I am currently using Sify internet and I an fed up with the annoyances I bought along with their internet!

I many times get 'request timed out' or sometimes LAN gateway is repying but still I cannot connect.

I have observed that many times,I face this connectivity problem after 10 PM. Till 10 PM,annoyances are not much.

The thing here is after 10 PM,my free hours start.I wonder if somebody may be purposely doing this to avoid me using my bandwidth.I am particularly puzzled by the thing that why it happens almost all times 10 PM.After I complained about this issue,things got worse.I have connectivity issues even in day times.

I want to know how many other users of Sify broadband are facing or have faced similar problems.

I have decided,next month,no renewal of account with Sify!


----------



## Zeeshan Quireshi (Apr 27, 2007)

i seriously request you to go in for a REAL broadband connection . Airtel n BSNL r the most reliable n u can be rest assured that u'll get speeds in excess of 256 kbps with them.


----------



## Quiz_Master (Apr 28, 2007)

Yeah chuck Sify and go to BSNL.
My friends says that Sify sucks.
Airtel might be a good option too.
But it depends on your usage pattern.


----------



## kumarmohit (Apr 28, 2007)

I used sify for 2 years and have christened it *Shitty Fraudband*

Dump them and go for watever alternative you can get.


----------



## 24online (Apr 28, 2007)

if u want to read exp of users,

*broadbandforum.in/sify-broadband/

ppl says it SUCKS*WORST.


----------



## iMav (Apr 28, 2007)

it sux personal experience ... they dont renew ur account even if u giv a request 3 days b4 ... if they renew they wont come and collect the chk on time there by disconnect u for a day or 2 ... their hardware sux ... their some kinda switch keeps tripping evry now and then as a result no internet and wen i tell them to chk it they will rectify it but not change the bloody faulty hardware .... their dialer pops up 2 windows tht slow ur pc ... their dialer spreads malware


----------



## nishant_nms (Apr 28, 2007)

For me Sify rocks.

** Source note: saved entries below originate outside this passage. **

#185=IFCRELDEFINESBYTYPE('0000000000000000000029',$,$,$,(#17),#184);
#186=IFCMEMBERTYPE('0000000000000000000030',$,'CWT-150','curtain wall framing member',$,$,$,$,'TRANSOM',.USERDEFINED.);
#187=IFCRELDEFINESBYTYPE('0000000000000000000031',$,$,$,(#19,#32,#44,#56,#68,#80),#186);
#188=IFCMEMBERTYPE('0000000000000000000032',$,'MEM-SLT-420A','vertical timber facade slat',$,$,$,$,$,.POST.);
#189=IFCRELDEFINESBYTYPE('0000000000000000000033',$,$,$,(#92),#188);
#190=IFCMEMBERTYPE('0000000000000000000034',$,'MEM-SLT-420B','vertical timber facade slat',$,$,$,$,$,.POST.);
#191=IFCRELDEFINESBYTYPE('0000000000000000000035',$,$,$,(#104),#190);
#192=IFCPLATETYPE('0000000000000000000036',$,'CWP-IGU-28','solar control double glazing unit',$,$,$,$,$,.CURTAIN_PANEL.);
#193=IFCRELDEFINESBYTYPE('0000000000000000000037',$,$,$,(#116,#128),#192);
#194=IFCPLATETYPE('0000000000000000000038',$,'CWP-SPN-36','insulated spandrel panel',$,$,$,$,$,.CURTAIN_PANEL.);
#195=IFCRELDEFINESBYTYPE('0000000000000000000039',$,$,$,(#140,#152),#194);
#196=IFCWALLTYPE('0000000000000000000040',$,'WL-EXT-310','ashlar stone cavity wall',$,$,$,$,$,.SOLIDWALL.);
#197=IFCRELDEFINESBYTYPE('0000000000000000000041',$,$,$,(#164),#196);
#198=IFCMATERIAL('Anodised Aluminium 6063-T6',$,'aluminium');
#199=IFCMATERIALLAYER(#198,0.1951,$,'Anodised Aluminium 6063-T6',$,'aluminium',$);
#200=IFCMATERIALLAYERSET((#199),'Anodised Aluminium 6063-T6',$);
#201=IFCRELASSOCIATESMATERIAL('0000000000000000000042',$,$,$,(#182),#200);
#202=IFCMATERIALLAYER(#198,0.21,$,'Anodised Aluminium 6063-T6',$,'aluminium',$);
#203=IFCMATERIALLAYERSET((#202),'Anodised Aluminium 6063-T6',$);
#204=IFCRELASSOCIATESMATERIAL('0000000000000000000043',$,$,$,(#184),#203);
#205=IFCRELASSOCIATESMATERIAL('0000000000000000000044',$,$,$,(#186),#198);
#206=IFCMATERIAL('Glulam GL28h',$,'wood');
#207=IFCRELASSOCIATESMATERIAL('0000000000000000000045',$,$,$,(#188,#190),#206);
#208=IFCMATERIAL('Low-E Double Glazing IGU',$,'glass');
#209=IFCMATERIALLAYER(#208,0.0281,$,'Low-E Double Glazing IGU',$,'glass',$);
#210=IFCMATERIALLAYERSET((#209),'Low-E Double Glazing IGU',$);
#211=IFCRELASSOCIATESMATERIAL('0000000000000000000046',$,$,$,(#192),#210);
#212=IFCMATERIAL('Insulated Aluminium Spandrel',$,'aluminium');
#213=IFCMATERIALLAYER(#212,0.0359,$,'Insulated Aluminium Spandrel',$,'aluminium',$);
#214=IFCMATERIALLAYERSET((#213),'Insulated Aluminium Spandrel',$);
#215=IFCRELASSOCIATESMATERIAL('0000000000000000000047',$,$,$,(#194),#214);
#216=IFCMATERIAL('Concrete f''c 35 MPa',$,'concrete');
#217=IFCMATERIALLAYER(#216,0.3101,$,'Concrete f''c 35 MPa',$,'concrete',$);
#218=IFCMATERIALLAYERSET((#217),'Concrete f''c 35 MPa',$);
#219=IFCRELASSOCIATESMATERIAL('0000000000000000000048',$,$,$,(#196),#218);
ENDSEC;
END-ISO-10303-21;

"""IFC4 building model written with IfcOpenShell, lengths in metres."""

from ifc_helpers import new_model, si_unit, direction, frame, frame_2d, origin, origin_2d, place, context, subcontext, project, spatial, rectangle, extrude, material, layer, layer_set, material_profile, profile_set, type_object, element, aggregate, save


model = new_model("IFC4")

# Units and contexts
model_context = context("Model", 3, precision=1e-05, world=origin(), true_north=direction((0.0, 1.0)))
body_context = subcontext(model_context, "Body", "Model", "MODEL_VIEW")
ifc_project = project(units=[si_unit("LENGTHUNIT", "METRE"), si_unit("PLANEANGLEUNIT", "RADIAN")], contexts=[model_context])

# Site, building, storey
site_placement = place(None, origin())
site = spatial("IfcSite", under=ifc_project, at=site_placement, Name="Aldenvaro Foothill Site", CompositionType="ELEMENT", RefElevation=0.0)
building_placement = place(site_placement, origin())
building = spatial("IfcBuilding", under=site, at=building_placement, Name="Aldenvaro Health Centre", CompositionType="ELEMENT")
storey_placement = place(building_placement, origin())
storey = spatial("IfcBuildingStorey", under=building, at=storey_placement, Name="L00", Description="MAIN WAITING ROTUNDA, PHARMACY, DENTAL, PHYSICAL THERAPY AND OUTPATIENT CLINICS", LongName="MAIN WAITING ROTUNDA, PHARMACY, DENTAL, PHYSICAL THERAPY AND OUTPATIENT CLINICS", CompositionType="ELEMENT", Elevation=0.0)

All the problems u pepole face are due to local cable operator. Ask him to fix it


----------



## Wannabe_a_techie (Apr 28, 2007)

I guess it depends on city to city....or even locality to locality.

It's strange that Sify cyber cafes work round-the-clock without any glitches?


----------



## Harvik780 (Apr 28, 2007)

nishant_nms said:
			
		

> For me Sify rocks. All the problems u pepole face are due to local cable operator. Ask him to fix it


I hope ur not an employee of sify.


----------



## mkmkmk (Apr 28, 2007)

All the problems u pepole face are due to local cable operators,sify have made biggest mistake by taking help of LCO's.


----------



## Ramakrishnan (Apr 28, 2007)

I am also using Sify. What is written is 100% true. I am highly dissatisfied with their service and quality. After 10.00 pm, It is free for all in terms of shitty service and speed.

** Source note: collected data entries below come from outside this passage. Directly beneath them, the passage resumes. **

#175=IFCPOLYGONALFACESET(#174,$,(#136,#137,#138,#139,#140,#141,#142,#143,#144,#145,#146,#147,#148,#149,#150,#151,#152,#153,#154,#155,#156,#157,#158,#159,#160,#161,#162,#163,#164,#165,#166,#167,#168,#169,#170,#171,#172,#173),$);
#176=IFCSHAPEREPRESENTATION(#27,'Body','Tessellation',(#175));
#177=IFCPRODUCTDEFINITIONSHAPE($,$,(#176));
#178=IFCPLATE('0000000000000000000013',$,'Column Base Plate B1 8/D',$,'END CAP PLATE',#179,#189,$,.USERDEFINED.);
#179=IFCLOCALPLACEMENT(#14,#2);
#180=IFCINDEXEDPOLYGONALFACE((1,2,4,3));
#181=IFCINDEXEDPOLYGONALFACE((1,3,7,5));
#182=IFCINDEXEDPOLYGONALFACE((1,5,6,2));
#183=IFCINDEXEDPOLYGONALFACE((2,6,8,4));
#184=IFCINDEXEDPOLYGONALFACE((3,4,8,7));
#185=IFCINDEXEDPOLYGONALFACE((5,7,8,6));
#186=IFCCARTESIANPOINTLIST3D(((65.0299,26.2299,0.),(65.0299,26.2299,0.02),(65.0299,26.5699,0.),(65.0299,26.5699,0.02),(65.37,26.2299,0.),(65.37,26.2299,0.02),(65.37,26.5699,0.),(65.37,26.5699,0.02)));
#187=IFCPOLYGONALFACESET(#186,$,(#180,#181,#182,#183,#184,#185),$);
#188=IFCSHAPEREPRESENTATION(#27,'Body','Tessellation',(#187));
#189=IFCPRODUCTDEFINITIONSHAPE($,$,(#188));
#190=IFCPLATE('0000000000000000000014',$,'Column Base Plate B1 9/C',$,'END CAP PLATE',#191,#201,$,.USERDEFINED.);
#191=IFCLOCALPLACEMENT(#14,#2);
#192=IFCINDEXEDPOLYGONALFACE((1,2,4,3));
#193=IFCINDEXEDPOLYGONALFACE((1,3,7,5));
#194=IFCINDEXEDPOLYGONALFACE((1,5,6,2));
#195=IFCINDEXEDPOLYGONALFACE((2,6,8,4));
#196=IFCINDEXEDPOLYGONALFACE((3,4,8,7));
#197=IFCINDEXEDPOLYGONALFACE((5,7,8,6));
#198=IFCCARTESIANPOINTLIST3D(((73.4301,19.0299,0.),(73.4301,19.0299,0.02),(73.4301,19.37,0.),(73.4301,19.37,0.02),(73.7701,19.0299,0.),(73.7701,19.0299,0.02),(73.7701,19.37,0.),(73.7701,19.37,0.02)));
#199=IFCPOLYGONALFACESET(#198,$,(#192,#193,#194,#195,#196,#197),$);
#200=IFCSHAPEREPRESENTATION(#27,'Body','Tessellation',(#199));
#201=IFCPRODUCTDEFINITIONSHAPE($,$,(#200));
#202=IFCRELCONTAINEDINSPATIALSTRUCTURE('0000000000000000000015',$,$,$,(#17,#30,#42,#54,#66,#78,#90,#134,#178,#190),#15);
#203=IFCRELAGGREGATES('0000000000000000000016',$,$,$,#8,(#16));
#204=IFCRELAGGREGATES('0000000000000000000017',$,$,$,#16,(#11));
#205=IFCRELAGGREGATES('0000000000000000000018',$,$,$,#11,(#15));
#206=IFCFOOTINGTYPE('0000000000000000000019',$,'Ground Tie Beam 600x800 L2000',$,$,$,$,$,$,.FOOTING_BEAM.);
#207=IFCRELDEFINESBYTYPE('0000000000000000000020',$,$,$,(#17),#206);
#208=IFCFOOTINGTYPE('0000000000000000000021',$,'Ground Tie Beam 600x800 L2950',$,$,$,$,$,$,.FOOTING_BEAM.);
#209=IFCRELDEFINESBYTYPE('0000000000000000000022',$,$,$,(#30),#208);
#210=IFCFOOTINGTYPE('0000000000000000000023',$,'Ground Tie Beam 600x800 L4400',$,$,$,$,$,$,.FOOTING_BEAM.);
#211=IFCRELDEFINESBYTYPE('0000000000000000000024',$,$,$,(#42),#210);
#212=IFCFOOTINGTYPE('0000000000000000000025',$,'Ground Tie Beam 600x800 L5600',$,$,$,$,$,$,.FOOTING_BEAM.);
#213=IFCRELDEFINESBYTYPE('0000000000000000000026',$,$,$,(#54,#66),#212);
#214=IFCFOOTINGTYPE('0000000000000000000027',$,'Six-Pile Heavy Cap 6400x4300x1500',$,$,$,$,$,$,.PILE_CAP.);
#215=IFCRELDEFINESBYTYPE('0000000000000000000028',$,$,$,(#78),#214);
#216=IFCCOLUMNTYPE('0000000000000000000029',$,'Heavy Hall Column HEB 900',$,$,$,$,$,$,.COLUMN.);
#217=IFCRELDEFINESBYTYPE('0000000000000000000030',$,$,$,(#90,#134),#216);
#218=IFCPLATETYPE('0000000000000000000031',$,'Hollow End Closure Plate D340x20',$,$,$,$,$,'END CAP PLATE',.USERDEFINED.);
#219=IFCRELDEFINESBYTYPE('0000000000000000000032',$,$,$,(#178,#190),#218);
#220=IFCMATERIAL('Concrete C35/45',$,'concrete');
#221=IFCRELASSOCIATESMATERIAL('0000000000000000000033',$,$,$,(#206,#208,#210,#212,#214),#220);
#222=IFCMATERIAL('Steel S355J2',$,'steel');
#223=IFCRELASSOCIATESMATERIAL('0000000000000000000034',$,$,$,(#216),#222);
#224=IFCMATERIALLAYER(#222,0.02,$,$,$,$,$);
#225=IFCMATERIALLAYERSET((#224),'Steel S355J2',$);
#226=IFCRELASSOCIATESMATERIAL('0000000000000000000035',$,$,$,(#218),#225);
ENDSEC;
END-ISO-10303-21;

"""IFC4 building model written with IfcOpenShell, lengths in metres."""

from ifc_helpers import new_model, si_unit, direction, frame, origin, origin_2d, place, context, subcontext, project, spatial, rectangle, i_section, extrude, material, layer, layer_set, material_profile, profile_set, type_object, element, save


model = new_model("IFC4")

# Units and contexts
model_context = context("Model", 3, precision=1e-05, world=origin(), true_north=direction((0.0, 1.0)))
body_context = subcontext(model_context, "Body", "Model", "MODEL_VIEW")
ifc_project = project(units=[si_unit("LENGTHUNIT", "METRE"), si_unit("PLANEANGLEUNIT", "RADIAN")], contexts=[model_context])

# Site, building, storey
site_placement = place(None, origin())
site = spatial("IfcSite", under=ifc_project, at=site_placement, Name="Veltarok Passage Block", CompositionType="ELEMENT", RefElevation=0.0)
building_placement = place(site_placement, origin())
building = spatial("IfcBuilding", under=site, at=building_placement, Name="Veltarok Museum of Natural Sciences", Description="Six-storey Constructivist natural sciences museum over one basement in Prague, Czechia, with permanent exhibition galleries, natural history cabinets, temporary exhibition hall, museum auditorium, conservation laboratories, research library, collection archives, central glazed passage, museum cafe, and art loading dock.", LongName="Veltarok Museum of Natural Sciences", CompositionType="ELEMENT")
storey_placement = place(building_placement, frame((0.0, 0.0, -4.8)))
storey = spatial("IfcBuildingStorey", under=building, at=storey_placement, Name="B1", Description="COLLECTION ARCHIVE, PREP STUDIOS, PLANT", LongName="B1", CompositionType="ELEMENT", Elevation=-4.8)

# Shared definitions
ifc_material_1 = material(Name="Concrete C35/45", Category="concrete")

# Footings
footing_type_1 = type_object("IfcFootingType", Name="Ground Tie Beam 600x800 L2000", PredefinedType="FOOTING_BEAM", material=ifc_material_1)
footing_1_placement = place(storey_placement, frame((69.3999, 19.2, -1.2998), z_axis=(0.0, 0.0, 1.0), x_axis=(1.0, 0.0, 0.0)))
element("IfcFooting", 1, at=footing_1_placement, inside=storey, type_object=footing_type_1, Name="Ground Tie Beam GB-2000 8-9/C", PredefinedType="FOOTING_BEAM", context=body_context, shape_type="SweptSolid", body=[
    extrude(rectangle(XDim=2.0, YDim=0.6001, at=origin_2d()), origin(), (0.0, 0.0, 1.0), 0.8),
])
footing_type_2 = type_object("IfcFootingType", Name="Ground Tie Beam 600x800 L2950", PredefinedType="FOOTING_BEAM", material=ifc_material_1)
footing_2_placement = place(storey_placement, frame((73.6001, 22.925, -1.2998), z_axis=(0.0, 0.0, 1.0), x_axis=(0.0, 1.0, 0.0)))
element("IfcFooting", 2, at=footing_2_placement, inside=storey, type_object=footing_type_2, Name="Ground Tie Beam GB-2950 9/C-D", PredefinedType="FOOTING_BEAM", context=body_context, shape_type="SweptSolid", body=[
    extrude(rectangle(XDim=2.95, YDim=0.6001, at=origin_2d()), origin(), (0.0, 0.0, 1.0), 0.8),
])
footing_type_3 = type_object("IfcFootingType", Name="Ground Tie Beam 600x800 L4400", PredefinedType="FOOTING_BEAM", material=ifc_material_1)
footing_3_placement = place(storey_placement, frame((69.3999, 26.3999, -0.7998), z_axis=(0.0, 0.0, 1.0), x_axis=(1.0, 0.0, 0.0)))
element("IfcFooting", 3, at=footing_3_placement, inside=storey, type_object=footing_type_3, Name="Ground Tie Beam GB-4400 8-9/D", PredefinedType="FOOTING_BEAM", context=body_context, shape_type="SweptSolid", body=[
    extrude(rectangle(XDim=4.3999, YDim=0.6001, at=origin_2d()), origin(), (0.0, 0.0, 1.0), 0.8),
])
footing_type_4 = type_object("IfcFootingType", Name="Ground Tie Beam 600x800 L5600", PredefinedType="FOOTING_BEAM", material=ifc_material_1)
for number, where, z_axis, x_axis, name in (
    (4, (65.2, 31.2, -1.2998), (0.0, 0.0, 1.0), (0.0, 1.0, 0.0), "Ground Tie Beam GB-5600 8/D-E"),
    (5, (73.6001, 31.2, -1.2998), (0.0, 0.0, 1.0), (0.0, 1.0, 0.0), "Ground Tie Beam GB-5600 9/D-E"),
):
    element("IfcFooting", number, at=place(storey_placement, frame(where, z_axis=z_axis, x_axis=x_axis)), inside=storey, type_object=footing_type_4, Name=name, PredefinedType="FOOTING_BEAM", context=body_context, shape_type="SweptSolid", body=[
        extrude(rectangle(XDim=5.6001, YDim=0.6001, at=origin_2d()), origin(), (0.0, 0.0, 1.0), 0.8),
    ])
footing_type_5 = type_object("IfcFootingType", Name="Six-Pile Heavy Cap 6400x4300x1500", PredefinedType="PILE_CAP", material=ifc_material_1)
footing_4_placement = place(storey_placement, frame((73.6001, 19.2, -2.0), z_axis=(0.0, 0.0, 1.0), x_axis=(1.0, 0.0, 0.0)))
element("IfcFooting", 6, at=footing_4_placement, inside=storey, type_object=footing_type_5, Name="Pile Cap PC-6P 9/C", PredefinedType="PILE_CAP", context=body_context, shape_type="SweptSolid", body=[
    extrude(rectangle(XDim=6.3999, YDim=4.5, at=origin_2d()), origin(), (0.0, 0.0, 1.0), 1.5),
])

The the local cablewallah is also charging Rs.100 pM as maintenance!!!


----------



## Adam Lee (Apr 28, 2007)

Thankyou all for the links and taking time to share your experiences.
I thought that something was wrong only with my PC and connections but now I know that its the same story with other Sify customers.

So everybody......'lets kick Sify and turn to some 'good' ISP.'

BTW, 'Shitty Fraudband' is the perfect name as was suggested in this thread!


----------



## ambandla (Apr 28, 2007)

I am using Sify 256kbps unlimited. No issues for me. If there are any, the problem is resolved in minutes after my call to their hotline. but this happens once in 7-10 days.


----------



## the.kaushik (Apr 28, 2007)

kumarmohit said:
			
		

> I used sify for 2 years and have christened it *Shitty Fraudband*
> 
> Dump them and go for watever alternative you can get.



i support u..


----------



## gary4gar (Apr 28, 2007)

a company where broadband exists in name, its actual plans are never near to broadband specially for High bandwith requirements of users like me. they block P2p programs, put a cap unlimited night @150mb.


----------



## the.kaushik (Apr 29, 2007)

gary4gar said:
			
		

> a company where broadband exists in name, its actual plans are never near to broadband specially for High bandwith requirements of users like me. they block P2p programs, put a cap unlimited night @150mb.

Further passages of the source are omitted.